Where I used to live at the South tip of town, they took a tower out for the Light Rail construction, and my old neighbor and friend (Azure Microsoftie) is complaining about congestion ~17:00 to 20:00h, which tracks. (Again, I’m certain deals for a new tower are in motion.)

But Redmond always amuses me at how backward and Surburban it is here (it’s currently marketing itself as “Urban” trying to get the Hip kids to move from Seattle … City Hall uses Microsoft’s Marketing tactics because most of Council are retired Microsofties).

But I digress.
* 4G-LTE is actually what 4G should have been.
* 5G is 4G-LTE (incremental upgrade).
* 6G isn’t a standard so screw it in the kidneys with a brick.

But wait, my fellow bandwidth whores …

I saw this on the side of a Bus the other day and I literally had to stop and Face Palm. I ignored it for my sanity, but now I had to look it up and yeah…

https://www.xfinity.com/10g

So like Windows, MacOS, and MySQL/MariaDB we’re just going to jump to #10.

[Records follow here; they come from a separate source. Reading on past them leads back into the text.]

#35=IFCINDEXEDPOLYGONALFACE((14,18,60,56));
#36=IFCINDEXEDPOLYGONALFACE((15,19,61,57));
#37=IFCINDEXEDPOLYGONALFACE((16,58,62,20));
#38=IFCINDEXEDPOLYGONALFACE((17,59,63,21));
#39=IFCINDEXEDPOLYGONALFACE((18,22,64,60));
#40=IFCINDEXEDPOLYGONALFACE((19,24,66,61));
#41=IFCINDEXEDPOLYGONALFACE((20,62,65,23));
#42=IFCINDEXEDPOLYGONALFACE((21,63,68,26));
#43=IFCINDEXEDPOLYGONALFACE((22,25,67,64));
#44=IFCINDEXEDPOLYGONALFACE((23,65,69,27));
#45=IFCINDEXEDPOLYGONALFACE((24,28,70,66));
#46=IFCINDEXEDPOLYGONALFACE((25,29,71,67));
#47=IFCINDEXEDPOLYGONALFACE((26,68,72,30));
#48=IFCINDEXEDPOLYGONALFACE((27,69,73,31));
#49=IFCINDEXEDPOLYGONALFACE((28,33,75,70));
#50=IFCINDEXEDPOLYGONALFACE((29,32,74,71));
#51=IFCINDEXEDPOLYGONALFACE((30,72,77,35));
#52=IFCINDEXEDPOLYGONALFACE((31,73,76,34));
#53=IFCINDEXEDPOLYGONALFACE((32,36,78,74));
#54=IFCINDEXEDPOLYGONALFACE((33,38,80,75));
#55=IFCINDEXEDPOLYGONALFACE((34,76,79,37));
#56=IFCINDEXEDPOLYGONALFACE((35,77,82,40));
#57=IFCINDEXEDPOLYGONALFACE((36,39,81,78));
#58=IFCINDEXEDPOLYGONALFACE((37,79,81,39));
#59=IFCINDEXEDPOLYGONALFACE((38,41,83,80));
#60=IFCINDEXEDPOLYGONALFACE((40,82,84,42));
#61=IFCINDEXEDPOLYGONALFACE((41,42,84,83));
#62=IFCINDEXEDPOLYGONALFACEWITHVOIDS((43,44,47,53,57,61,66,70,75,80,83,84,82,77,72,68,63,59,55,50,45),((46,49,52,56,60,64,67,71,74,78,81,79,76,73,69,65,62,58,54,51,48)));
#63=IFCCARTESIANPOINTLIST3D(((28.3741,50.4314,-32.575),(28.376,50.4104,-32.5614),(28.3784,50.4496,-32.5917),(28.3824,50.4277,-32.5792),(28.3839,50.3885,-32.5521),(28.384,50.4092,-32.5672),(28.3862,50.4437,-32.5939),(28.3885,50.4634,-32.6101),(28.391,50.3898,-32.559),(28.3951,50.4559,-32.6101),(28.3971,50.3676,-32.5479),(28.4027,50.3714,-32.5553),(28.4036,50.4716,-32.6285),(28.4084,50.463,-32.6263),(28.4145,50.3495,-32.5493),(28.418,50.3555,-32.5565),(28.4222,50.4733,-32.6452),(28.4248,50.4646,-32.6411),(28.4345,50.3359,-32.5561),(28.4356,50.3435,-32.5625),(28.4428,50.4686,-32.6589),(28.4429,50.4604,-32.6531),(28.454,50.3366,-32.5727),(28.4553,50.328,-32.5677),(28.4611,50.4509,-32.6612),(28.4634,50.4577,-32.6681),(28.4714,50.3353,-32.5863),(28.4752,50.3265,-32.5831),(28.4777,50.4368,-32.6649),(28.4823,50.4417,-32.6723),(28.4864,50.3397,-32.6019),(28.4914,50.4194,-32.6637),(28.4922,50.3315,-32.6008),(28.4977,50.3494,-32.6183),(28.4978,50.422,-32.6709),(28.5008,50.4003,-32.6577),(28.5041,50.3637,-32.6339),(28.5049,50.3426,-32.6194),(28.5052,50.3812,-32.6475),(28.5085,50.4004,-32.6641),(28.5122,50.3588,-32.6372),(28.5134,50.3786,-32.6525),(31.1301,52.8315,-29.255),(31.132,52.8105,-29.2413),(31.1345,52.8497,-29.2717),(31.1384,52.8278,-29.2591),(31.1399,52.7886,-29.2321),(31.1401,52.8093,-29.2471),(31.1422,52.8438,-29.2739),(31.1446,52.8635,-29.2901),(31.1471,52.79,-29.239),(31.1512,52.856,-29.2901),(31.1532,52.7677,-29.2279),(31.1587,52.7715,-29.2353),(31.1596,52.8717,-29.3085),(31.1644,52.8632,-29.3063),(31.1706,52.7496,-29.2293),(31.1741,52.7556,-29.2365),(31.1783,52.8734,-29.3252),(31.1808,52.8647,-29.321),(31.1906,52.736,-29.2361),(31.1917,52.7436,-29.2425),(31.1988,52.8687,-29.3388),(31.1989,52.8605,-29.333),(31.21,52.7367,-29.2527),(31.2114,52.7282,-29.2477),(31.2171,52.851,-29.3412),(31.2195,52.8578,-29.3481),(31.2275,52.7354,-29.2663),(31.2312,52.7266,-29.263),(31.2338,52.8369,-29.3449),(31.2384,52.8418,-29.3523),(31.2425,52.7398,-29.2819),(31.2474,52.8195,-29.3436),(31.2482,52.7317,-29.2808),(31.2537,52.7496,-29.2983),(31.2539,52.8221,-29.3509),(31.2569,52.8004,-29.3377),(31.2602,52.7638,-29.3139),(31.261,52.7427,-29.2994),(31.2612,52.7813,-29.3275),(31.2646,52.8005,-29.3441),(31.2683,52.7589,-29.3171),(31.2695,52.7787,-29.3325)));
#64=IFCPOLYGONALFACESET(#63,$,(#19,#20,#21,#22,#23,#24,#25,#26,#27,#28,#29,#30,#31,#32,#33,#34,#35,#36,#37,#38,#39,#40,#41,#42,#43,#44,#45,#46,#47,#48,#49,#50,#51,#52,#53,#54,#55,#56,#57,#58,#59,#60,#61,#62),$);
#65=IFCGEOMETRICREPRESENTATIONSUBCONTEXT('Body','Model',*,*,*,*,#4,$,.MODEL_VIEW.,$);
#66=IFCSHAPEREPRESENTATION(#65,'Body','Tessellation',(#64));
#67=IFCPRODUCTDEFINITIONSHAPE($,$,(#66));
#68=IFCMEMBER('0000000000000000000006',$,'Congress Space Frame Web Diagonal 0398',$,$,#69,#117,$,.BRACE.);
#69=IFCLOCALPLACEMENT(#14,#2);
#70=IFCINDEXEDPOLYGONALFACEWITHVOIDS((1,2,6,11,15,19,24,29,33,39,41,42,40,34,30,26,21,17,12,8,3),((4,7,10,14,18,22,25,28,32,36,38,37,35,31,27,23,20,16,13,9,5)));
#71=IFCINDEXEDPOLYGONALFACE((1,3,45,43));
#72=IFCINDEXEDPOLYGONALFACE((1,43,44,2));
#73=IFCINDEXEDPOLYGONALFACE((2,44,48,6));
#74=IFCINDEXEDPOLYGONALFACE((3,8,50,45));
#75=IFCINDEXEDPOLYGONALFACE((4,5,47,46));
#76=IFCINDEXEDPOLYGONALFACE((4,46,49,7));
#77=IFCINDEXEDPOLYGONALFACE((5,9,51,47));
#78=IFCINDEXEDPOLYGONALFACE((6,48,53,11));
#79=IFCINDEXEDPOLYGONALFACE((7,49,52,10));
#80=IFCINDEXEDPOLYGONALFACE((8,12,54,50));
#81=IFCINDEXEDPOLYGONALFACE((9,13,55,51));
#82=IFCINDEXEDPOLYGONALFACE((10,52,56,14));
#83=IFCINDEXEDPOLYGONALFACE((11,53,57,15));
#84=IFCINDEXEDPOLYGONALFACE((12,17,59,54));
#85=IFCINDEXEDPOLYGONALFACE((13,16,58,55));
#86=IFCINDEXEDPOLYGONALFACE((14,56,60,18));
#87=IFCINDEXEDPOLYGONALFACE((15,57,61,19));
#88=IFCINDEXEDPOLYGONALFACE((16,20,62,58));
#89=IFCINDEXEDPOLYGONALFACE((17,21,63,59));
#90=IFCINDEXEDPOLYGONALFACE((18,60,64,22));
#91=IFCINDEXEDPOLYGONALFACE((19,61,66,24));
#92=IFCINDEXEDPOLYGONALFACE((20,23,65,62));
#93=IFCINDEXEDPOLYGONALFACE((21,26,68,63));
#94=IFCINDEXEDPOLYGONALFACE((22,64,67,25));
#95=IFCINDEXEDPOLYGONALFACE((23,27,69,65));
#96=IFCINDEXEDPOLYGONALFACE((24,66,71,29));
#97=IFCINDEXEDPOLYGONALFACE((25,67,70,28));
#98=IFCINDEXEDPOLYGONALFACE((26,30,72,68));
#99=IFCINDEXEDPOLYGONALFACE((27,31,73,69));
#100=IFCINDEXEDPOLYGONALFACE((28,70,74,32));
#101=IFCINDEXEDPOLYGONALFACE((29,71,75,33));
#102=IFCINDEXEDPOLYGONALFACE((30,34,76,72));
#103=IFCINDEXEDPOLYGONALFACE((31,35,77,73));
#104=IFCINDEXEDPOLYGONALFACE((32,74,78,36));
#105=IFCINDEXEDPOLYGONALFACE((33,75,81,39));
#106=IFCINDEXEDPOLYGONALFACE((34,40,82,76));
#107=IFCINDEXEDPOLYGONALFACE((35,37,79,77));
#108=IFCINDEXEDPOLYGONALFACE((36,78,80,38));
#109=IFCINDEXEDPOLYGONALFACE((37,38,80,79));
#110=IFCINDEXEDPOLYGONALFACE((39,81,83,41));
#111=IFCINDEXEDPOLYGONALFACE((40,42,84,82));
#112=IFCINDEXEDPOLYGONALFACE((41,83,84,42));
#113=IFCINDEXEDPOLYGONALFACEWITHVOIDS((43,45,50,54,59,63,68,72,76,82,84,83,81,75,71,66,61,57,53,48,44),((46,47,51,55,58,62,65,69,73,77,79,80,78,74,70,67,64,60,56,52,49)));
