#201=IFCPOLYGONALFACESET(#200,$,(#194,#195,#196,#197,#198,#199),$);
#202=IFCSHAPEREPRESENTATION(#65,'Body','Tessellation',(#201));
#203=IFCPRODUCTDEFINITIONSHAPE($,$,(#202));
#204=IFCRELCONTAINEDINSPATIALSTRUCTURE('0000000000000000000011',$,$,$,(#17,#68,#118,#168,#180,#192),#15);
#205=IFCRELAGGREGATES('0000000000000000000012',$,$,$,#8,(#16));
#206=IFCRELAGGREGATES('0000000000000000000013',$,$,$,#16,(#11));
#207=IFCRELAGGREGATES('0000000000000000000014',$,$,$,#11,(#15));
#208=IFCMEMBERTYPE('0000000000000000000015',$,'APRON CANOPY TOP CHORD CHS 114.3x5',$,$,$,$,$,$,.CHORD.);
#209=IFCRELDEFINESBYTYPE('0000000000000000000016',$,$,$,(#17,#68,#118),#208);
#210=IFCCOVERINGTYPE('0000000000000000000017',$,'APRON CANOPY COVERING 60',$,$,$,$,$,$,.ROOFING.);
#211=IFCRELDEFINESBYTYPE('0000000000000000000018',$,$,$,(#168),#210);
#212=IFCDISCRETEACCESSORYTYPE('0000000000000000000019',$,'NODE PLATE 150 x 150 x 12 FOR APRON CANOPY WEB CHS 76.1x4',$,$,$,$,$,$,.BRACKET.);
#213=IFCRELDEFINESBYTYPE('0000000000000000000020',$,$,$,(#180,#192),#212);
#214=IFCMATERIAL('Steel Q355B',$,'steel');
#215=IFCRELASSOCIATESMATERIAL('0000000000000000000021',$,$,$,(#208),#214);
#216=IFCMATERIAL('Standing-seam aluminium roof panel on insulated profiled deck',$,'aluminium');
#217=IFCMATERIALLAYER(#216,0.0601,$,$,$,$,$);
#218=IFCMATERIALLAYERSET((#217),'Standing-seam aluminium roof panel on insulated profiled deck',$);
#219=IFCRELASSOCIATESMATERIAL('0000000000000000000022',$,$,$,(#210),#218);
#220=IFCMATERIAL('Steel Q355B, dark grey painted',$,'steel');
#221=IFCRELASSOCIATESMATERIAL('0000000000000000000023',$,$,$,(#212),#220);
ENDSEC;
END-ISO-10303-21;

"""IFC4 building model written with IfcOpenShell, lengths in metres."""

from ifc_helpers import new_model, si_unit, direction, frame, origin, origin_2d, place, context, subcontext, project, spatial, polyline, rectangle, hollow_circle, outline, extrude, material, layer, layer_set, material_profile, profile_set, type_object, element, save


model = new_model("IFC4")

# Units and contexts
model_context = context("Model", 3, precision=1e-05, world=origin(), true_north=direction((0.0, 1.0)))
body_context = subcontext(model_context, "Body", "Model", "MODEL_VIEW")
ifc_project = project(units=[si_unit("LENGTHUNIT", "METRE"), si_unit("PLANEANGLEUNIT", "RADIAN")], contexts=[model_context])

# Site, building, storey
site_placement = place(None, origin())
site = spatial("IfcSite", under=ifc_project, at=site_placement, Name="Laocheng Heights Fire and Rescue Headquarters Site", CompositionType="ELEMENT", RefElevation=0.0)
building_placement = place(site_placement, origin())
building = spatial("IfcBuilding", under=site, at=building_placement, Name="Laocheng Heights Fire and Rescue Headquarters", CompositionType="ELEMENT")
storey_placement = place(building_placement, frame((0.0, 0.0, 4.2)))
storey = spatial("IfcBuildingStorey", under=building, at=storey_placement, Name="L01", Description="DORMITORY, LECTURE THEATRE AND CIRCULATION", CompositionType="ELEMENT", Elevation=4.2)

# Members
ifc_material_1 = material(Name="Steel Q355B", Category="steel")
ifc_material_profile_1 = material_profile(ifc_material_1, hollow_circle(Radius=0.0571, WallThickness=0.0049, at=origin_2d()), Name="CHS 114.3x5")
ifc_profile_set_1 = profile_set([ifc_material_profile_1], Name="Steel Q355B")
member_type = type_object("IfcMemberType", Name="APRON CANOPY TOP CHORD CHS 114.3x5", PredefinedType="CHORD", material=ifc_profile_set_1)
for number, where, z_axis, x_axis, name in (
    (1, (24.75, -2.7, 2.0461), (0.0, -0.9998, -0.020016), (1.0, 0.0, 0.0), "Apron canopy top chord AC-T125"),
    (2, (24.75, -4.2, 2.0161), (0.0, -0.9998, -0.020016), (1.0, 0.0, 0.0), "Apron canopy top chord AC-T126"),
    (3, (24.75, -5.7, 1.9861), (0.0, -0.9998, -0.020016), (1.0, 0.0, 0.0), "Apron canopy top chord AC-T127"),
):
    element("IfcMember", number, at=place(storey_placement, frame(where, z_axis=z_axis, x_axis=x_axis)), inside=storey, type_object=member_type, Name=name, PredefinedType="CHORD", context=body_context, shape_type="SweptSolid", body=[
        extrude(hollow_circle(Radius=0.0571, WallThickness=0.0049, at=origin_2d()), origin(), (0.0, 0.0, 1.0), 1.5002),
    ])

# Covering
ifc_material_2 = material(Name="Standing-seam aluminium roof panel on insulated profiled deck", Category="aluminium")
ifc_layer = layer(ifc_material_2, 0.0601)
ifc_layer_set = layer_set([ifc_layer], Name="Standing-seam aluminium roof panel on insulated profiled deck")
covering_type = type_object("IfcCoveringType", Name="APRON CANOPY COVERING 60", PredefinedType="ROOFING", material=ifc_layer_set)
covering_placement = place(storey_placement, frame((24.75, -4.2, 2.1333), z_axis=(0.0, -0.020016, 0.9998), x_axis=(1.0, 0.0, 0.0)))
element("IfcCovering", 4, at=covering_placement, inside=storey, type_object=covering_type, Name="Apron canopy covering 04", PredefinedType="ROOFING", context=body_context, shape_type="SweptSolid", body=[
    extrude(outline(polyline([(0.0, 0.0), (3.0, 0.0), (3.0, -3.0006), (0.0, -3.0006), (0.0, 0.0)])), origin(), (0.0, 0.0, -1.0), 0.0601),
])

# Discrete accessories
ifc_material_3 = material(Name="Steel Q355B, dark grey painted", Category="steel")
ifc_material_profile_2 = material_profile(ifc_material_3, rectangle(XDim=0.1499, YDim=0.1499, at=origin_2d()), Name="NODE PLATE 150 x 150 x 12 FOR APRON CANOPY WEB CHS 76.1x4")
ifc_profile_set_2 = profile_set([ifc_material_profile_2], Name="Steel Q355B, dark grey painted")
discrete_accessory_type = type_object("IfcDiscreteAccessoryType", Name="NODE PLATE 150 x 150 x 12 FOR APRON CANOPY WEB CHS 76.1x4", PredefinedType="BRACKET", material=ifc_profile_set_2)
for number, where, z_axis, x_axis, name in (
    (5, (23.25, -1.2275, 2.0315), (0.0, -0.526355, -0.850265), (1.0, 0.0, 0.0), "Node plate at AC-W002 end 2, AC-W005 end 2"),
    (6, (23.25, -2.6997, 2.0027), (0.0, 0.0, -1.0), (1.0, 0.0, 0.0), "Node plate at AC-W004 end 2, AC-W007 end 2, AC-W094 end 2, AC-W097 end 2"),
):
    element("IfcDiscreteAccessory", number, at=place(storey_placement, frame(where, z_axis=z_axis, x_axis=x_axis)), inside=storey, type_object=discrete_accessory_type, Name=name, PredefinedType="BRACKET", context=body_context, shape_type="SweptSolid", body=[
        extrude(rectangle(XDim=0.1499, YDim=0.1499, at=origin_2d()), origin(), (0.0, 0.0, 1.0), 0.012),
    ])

“Because Ten Sounds Important!” – George Carlin

allengarvin (profile) says:

The packet core is an improvement!

The 5G packet core in its pure form is a big improvement: diameter is all but gone! It’s all HTTP, and that means a lot of mature, fast, transparent, non-proprietary libraries. It also is vastly more flexible for specialized use cases. In reality, we’re not done with diameter yet in most providers’ environments, but it’s a good start.

I don’t have an opinion on the RAN: that’s something I never deal with directly.